The third question: what are the implications for the present government? The deliberate destruction of collective bargaining has a number of unintended but serious results. It means that wage determination will be even more uncontrollable than it is now. Without any form of centralised bargaining, well-placed workforces in individual enterprises will be able to procure wage settlements almost certainly higher, even much higher, than the norms thought desirable by the Government. Since the Government has already largely disarmed itself, it has few weapons to combat this. It can either use public sector wage settlements – in effect impose a discriminatory tax on public employees to control overall income levels, or it can adopt deflationary policies and use the consequent high unemployment to depress wage claims. Or it can do both; which is what it is now doing.
Unfortunately, recent experience suggests that, besides being wasteful and unfair, these policies do not work. Furthermore, public sector employees eventually decide enough is enough: which is what happened in the late Seventies and is now happening with the signalmen. And whatever slight chance these policies had of working is even slighter because so many of those who were once public employees (and whose wages could be manipulated by the Treasury) are now, as a result of privatisation, in the private sector. This explains the Government’s determination to hold down the signalmen’s settlement. Although Railtrack is supposedly autonomous (‘let management manage’) the Government is driven to treat the signalmen as old-fashioned public sector employees.

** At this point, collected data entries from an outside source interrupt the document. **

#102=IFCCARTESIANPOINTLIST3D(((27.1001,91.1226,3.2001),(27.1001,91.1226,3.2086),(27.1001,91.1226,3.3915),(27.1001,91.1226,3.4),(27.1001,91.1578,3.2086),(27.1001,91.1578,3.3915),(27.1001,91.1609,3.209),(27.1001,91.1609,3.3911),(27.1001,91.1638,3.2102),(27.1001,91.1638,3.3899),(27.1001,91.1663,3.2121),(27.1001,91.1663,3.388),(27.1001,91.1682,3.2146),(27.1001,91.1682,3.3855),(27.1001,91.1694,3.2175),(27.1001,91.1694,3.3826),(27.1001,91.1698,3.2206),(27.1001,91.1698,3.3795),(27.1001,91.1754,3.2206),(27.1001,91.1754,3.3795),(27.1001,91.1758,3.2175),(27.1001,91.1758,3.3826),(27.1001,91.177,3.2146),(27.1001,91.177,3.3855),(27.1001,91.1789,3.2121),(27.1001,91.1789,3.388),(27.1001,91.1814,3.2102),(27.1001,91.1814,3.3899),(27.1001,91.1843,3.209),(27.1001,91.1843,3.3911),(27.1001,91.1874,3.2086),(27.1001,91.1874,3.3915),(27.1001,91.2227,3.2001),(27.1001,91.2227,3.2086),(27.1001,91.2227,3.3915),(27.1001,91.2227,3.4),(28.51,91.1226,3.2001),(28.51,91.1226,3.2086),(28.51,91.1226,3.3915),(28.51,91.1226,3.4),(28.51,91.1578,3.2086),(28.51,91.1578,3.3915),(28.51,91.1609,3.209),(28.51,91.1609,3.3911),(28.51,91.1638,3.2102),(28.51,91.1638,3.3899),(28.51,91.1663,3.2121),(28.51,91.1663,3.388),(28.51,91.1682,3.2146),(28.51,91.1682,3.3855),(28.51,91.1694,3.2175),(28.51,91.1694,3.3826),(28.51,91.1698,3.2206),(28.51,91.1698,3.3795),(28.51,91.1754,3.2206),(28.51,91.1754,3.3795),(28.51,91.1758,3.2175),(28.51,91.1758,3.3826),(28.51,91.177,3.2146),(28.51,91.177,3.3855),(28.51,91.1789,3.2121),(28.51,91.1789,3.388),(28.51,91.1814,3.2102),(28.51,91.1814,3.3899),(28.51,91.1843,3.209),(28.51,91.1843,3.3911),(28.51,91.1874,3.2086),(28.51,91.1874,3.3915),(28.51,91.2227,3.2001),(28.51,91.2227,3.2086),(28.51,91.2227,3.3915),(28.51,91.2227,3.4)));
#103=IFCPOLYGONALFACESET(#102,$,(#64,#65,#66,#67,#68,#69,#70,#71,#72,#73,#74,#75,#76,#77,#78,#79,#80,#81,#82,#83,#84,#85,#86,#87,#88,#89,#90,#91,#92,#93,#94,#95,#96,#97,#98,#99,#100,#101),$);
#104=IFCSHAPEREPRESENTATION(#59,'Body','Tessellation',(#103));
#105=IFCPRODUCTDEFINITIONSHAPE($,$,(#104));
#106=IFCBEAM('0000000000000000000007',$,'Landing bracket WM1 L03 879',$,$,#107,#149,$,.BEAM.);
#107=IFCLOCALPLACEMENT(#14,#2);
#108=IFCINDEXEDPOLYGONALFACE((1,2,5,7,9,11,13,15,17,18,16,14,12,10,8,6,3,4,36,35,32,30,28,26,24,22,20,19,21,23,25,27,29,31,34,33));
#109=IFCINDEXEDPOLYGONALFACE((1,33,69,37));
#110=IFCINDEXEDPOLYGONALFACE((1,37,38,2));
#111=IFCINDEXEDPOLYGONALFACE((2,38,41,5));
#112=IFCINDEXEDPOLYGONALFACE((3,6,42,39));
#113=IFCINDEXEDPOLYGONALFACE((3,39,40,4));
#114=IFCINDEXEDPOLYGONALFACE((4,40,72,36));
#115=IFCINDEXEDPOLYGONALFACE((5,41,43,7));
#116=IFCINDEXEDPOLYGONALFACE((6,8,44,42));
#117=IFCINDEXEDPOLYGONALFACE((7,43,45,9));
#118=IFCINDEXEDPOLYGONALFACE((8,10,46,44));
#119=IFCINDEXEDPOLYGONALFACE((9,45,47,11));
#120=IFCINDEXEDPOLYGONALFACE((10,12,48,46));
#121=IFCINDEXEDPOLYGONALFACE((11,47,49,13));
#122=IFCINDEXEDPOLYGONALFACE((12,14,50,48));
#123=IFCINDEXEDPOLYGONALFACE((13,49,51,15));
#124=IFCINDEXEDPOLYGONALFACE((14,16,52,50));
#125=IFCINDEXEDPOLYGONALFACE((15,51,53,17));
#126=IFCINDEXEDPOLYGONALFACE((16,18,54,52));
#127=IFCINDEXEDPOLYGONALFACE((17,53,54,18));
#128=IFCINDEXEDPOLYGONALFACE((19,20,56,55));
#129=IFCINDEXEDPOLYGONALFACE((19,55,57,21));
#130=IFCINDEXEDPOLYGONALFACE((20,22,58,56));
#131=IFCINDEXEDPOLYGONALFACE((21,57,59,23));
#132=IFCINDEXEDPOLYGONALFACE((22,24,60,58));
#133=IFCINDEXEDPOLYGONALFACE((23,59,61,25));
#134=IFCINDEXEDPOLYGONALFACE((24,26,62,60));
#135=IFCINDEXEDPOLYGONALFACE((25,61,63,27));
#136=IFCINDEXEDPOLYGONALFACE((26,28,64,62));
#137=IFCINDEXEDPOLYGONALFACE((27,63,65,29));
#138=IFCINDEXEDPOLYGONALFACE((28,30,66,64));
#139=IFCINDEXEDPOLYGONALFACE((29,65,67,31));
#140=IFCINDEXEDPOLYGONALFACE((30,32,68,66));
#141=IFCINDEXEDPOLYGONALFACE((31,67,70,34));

This, however, is not all. The intended effect of all industrial relations legislation since 1979 has been to disenfranchise employees in the workplace. And to the extent that there is a consistent discernible aim in the mish-mash of Conservative policies over the last 15 years, it has been to depoliticise all social relations. In return, the Government has attempted to enfranchise people in the private sphere – as home-owners, for instance; to replace public political rights with private consumption rights. In order both to offer consumption rights and to conceal their spuriousness as equivalents of political rights, the Government has been compelled to take immense risks, which have made the economy even more unstable. The price that people have paid for their disenfranchisement at work (and for their partial disenfranchisement as citizens) has been an inflationary housing market, unsustainable consumption booms, mountains of accumulated debt and the severest economic recession since the Second World War. And, despite what the Government says, this will always have to be the price, so long as disenfranchisement of the public sphere remains the Conservative Party’s first ambition. Many, alas, clearly think the price worth paying. As for those who do not or who go under – who cares about them?